THE title might sounds a bit like the election poster from 1979 that proclaimed “Britain isn’t working”, but this book is American through and through. It reached number two on the New York Times Best Sellers List, which suggests that it addresses a need – perhaps this is the point of the business cycle when people start believing that corporate life can change for the better.

The book begins from the premise that work in the modern corporation is not very satisfying, that the “time-for-money” exchange does not engage the whole human being. Or as the authors put it: “The relentless urgency that characterises most corporate cultures undermines thoughtful deliberation, creativity, engagement and sustainable high performance”.

The solution? Corporations should change so that people are rewarded for the “value” they create, not what they get done, and the job of businesses should be to “fuel spiritual energy”. Which sounds more to me like a church than a going concern. We should move to a new way of working, which “requires an evolutionary shift in the centre of gravity of our lives, from ‘me’ to ‘us’.” Much is made of the four “emotional quadrants”, amusingly introduced via a cross-like diagram.
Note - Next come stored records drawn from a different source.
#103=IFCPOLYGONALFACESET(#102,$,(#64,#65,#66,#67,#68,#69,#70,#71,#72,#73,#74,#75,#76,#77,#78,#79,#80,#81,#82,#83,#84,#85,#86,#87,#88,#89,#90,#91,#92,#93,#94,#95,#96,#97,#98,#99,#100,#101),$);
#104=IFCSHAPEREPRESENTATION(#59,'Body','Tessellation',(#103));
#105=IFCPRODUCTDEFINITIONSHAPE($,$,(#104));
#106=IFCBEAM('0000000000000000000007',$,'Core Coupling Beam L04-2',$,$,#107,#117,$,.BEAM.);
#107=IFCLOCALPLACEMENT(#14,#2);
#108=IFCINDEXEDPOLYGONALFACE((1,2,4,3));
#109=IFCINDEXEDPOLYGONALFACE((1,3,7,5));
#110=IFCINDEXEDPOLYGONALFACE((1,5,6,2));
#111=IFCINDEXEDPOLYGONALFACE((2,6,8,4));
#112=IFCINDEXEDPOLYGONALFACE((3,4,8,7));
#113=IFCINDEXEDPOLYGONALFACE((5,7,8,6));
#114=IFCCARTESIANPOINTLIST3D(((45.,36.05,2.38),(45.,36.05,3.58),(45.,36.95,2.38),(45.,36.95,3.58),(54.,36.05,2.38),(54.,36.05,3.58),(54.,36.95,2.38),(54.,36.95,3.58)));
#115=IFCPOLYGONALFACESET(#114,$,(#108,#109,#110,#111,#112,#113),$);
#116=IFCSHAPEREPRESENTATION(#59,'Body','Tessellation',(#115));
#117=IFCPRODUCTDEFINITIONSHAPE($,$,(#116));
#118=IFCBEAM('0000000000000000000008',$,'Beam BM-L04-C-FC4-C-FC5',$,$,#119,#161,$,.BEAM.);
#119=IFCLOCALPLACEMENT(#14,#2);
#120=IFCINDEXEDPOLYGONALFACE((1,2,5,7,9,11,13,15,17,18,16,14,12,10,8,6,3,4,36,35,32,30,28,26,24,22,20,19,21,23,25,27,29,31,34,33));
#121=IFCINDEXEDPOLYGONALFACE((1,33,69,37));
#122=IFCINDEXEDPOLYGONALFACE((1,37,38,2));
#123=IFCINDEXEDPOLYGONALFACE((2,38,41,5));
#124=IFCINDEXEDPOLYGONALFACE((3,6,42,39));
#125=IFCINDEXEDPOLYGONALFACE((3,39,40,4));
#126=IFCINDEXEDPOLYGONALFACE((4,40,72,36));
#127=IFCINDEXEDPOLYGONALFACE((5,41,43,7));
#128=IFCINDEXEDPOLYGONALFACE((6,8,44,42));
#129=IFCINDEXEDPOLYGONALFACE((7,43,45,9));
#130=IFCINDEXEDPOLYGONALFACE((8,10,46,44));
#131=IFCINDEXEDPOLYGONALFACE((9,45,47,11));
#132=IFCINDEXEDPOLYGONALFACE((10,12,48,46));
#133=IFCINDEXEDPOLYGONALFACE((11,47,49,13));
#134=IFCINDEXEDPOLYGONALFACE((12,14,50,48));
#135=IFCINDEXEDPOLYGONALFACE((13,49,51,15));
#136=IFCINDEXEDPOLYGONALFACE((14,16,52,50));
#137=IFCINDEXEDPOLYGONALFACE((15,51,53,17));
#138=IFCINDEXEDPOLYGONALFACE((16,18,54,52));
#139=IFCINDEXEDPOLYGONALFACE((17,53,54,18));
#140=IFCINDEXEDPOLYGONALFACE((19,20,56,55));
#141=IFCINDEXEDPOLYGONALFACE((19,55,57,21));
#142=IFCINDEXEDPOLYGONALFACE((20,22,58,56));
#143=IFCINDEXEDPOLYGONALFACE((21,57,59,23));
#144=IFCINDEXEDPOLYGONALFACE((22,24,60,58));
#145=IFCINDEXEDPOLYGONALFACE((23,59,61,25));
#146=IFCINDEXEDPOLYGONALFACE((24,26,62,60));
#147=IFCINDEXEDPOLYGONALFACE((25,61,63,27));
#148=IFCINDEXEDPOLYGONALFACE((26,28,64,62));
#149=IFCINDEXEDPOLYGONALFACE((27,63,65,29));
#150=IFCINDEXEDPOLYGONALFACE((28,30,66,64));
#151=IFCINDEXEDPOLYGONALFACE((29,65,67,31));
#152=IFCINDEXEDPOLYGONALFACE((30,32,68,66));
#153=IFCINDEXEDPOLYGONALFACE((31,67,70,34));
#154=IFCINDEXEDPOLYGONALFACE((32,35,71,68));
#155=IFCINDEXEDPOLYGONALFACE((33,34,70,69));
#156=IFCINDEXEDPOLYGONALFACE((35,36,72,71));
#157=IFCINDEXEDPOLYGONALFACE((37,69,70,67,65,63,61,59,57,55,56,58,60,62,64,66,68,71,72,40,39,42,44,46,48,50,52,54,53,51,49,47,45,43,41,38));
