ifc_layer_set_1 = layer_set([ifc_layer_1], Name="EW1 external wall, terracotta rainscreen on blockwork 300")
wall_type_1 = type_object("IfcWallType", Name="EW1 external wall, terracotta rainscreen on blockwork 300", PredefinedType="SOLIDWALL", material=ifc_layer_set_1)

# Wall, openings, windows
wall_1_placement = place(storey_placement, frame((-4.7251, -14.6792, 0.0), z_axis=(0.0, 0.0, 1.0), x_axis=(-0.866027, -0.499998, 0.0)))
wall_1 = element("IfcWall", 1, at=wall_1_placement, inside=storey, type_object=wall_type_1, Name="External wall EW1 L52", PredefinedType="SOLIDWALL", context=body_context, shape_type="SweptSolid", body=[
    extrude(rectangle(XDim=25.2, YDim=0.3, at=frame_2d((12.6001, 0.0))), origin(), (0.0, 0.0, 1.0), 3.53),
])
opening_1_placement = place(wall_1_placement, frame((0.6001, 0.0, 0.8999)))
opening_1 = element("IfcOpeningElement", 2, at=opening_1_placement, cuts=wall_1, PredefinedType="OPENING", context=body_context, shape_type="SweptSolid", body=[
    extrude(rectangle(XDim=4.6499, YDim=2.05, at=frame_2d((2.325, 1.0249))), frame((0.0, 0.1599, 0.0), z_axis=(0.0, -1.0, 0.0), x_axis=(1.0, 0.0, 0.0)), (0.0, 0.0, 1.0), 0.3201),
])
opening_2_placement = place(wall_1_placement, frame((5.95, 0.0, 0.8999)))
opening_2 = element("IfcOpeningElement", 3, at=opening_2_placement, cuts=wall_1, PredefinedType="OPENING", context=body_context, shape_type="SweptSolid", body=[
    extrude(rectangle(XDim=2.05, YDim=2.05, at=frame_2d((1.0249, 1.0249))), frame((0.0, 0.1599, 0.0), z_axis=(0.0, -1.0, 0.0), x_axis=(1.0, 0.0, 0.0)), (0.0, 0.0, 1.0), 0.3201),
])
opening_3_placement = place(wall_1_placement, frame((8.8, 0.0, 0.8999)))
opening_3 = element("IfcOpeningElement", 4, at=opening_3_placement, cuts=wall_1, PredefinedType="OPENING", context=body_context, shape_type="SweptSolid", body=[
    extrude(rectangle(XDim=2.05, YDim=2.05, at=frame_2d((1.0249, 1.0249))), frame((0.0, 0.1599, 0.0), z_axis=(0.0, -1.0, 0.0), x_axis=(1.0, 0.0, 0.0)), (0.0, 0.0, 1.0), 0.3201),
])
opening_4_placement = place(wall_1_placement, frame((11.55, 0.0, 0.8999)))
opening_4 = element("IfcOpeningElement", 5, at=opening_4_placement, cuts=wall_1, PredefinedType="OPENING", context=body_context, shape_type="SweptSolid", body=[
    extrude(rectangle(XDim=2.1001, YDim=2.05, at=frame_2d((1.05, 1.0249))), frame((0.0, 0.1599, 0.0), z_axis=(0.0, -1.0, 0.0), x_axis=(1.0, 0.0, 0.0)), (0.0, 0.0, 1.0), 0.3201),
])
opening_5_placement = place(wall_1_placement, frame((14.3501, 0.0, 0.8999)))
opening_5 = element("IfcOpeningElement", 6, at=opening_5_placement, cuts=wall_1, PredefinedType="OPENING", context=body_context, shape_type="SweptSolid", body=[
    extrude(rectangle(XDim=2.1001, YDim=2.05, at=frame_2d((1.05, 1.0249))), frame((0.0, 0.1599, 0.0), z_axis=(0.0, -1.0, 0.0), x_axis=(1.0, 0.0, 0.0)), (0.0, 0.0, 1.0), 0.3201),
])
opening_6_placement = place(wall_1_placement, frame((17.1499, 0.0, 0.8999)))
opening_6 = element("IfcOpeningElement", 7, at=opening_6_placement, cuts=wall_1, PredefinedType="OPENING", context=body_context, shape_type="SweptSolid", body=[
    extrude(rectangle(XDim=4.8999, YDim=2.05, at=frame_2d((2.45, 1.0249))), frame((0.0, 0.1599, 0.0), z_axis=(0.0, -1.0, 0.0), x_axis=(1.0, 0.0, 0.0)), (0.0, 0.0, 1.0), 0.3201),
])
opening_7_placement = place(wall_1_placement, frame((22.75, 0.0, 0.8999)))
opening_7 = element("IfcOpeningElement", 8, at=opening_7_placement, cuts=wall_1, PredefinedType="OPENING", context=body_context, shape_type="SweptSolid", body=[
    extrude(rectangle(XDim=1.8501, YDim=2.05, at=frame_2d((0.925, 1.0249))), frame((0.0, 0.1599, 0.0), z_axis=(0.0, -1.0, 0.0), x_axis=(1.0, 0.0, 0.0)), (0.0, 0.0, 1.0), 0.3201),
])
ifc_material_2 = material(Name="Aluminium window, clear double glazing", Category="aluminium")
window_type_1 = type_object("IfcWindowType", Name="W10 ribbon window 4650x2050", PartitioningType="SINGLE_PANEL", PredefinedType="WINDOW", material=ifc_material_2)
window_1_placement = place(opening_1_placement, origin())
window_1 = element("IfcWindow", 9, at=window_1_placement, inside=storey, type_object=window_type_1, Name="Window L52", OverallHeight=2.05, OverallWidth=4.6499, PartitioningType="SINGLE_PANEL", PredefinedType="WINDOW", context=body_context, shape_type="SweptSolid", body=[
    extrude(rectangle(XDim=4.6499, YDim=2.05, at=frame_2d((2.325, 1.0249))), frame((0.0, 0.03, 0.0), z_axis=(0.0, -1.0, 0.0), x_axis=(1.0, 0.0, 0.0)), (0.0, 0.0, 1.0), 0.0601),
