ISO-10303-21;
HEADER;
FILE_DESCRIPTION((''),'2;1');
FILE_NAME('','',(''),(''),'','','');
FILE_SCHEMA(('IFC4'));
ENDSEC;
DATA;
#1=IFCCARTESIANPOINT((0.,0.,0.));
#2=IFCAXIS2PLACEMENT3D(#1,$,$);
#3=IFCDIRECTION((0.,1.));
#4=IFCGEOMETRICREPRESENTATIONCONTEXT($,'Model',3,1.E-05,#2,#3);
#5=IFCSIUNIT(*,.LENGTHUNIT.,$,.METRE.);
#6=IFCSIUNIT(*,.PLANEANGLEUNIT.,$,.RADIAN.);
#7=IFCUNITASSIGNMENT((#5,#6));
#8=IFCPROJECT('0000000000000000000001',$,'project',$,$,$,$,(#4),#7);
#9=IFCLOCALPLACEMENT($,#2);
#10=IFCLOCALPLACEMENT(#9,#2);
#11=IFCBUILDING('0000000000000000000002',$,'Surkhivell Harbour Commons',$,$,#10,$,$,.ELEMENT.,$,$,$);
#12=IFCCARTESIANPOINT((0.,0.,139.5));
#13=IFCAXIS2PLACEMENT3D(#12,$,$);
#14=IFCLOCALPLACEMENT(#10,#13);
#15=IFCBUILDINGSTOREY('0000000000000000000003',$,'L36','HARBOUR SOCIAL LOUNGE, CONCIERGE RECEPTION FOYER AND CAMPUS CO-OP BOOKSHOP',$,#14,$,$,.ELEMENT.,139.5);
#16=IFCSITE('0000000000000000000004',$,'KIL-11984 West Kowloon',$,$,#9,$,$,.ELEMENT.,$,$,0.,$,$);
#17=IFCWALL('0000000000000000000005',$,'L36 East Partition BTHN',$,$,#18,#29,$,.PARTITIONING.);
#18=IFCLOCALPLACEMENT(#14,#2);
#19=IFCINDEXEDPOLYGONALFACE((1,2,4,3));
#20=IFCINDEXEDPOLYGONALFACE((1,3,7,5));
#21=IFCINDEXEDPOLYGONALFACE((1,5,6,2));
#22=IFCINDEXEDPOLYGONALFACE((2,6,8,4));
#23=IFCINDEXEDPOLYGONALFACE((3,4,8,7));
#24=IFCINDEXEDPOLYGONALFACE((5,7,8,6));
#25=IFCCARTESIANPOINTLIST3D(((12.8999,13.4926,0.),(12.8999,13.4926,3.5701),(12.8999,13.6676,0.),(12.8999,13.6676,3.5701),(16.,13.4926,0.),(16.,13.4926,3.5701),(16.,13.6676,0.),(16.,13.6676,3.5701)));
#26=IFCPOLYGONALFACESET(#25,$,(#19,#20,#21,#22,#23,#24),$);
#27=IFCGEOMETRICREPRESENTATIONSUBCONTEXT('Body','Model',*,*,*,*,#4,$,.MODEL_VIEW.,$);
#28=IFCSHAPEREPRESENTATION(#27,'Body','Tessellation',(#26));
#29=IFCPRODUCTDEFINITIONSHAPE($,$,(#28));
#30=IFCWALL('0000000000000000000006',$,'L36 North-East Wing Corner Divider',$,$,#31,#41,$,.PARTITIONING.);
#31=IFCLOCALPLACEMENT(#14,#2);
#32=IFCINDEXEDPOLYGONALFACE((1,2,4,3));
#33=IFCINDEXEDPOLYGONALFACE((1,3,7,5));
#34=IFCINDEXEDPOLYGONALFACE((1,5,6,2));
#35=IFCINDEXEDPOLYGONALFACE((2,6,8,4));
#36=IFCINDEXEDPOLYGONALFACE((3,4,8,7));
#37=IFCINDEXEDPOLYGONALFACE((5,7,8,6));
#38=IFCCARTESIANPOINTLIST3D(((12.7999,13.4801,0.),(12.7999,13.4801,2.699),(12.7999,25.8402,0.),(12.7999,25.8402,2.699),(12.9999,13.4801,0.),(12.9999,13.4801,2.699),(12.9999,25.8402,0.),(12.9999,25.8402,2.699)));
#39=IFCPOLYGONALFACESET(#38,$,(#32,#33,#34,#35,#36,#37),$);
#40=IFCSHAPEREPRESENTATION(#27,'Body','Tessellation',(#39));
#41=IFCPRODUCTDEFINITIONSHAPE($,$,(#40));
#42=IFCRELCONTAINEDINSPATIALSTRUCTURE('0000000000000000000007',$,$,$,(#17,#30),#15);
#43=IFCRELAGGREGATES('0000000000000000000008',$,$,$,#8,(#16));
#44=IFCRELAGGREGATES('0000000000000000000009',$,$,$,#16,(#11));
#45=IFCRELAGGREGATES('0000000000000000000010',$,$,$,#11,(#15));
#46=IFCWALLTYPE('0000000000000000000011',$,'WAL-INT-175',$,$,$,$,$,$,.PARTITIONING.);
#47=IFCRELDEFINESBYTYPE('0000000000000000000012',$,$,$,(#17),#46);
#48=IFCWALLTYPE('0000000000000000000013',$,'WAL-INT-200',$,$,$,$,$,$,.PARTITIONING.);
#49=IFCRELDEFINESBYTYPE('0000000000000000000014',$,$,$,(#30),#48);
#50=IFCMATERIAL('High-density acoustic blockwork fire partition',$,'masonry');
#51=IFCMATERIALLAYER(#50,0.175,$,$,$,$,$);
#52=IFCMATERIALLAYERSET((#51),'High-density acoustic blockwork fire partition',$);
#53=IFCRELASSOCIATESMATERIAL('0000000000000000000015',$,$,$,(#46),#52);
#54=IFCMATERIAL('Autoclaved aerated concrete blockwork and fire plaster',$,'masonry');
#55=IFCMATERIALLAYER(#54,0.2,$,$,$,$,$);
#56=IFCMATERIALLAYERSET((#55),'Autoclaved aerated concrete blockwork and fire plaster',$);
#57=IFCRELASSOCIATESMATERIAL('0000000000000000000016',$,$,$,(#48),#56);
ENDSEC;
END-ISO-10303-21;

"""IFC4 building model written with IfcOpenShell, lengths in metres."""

from ifc_helpers import new_model, si_unit, direction, frame, frame_2d, origin, place, context, subcontext, project, spatial, rectangle, extrude, material, layer, layer_set, type_object, element, save


model = new_model("IFC4")

# Units and contexts
model_context = context("Model", 3, precision=1e-05, world=origin(), true_north=direction((0.0, 1.0)))
body_context = subcontext(model_context, "Body", "Model", "MODEL_VIEW")
ifc_project = project(units=[si_unit("LENGTHUNIT", "METRE"), si_unit("PLANEANGLEUNIT", "RADIAN")], contexts=[model_context])

# Site, building, storey
site_placement = place(None, origin())
site = spatial("IfcSite", under=ifc_project, at=site_placement, Name="KIL-11984 West Kowloon", CompositionType="ELEMENT", RefElevation=0.0)
building_placement = place(site_placement, origin())
building = spatial("IfcBuilding", under=site, at=building_placement, Name="Surkhivell Harbour Commons", CompositionType="ELEMENT")
storey_placement = place(building_placement, frame((0.0, 0.0, 139.5)))
storey = spatial("IfcBuildingStorey", under=building, at=storey_placement, Name="L36", Description="HARBOUR SOCIAL LOUNGE, CONCIERGE RECEPTION FOYER AND CAMPUS CO-OP BOOKSHOP", CompositionType="ELEMENT", Elevation=139.5)

# Walls
ifc_material_1 = material(Name="High-density acoustic blockwork fire partition", Category="masonry")
ifc_layer_1 = layer(ifc_material_1, 0.175)
ifc_layer_set_1 = layer_set([ifc_layer_1], Name="High-density acoustic blockwork fire partition")
wall_type_1 = type_object("IfcWallType", Name="WAL-INT-175", PredefinedType="PARTITIONING", material=ifc_layer_set_1)
wall_1_placement = place(storey_placement, frame((12.8999, 13.5801, 0.0), z_axis=(0.0, 0.0, 1.0), x_axis=(1.0, 0.0, 0.0)))
element("IfcWall", 1, at=wall_1_placement, inside=storey, type_object=wall_type_1, Name="L36 East Partition BTHN", PredefinedType="PARTITIONING", context=body_context, shape_type="SweptSolid", body=[
    extrude(rectangle(XDim=3.1001, YDim=0.175, at=frame_2d((1.55, 0.0))), origin(), (0.0, 0.0, 1.0), 3.5701),
])
ifc_material_2 = material(Name="Autoclaved aerated concrete blockwork and fire plaster", Category="masonry")
ifc_layer_2 = layer(ifc_material_2, 0.2)
ifc_layer_set_2 = layer_set([ifc_layer_2], Name="Autoclaved aerated concrete blockwork and fire plaster")
wall_type_2 = type_object("IfcWallType", Name="WAL-INT-200", PredefinedType="PARTITIONING", material=ifc_layer_set_2)
wall_2_placement = place(storey_placement, frame((12.8999, 13.48, 0.0), z_axis=(0.0, 0.0, 1.0), x_axis=(0.0, 1.0, 0.0)))
element("IfcWall", 2, at=wall_2_placement, inside=storey, type_object=wall_type_2, Name="L36 North-East Wing Corner Divider", PredefinedType="PARTITIONING", context=body_context, shape_type="SweptSolid", body=[
    extrude(rectangle(XDim=12.3601, YDim=0.2, at=frame_2d((6.1802, 0.0))), origin(), (0.0, 0.0, 1.0), 2.699),
])

save(model, "model.ifc")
Leaders are “chief energy officers”, who should “refuel the energy” of the people they manage. Excuse me while I start speaking in tongues and foaming at the mouth. It’s like Peter Drucker meets the Moonies.

Thankfully, though, the road to this promised land is actually rather simple. A large part of the book is devoted to telling us that sleep, rest, exercise and eating well are good for you. Most of the information in TWWWIW is pretty commonsense stuff. If you love your work, we are told, you will enjoy it more.

I actually found the premise of the book baffling. Do people really expect work to satisfy all their needs and desires? If so, they seem to have fundamentally misunderstood what work is under capitalism: an exchange of time for money. Perhaps it’s an American thing.

“Human being have made extraordinary advances in science, medicine and technology, but we’ve devoted remarkably little attention to understanding our inner world,” write the authors at one point. Go tell that to Proust.

This book is aimed at just those people who have devoted remarkably little attention to understanding their inner world. They are unlikely to find themselves any more enlightened after reading it.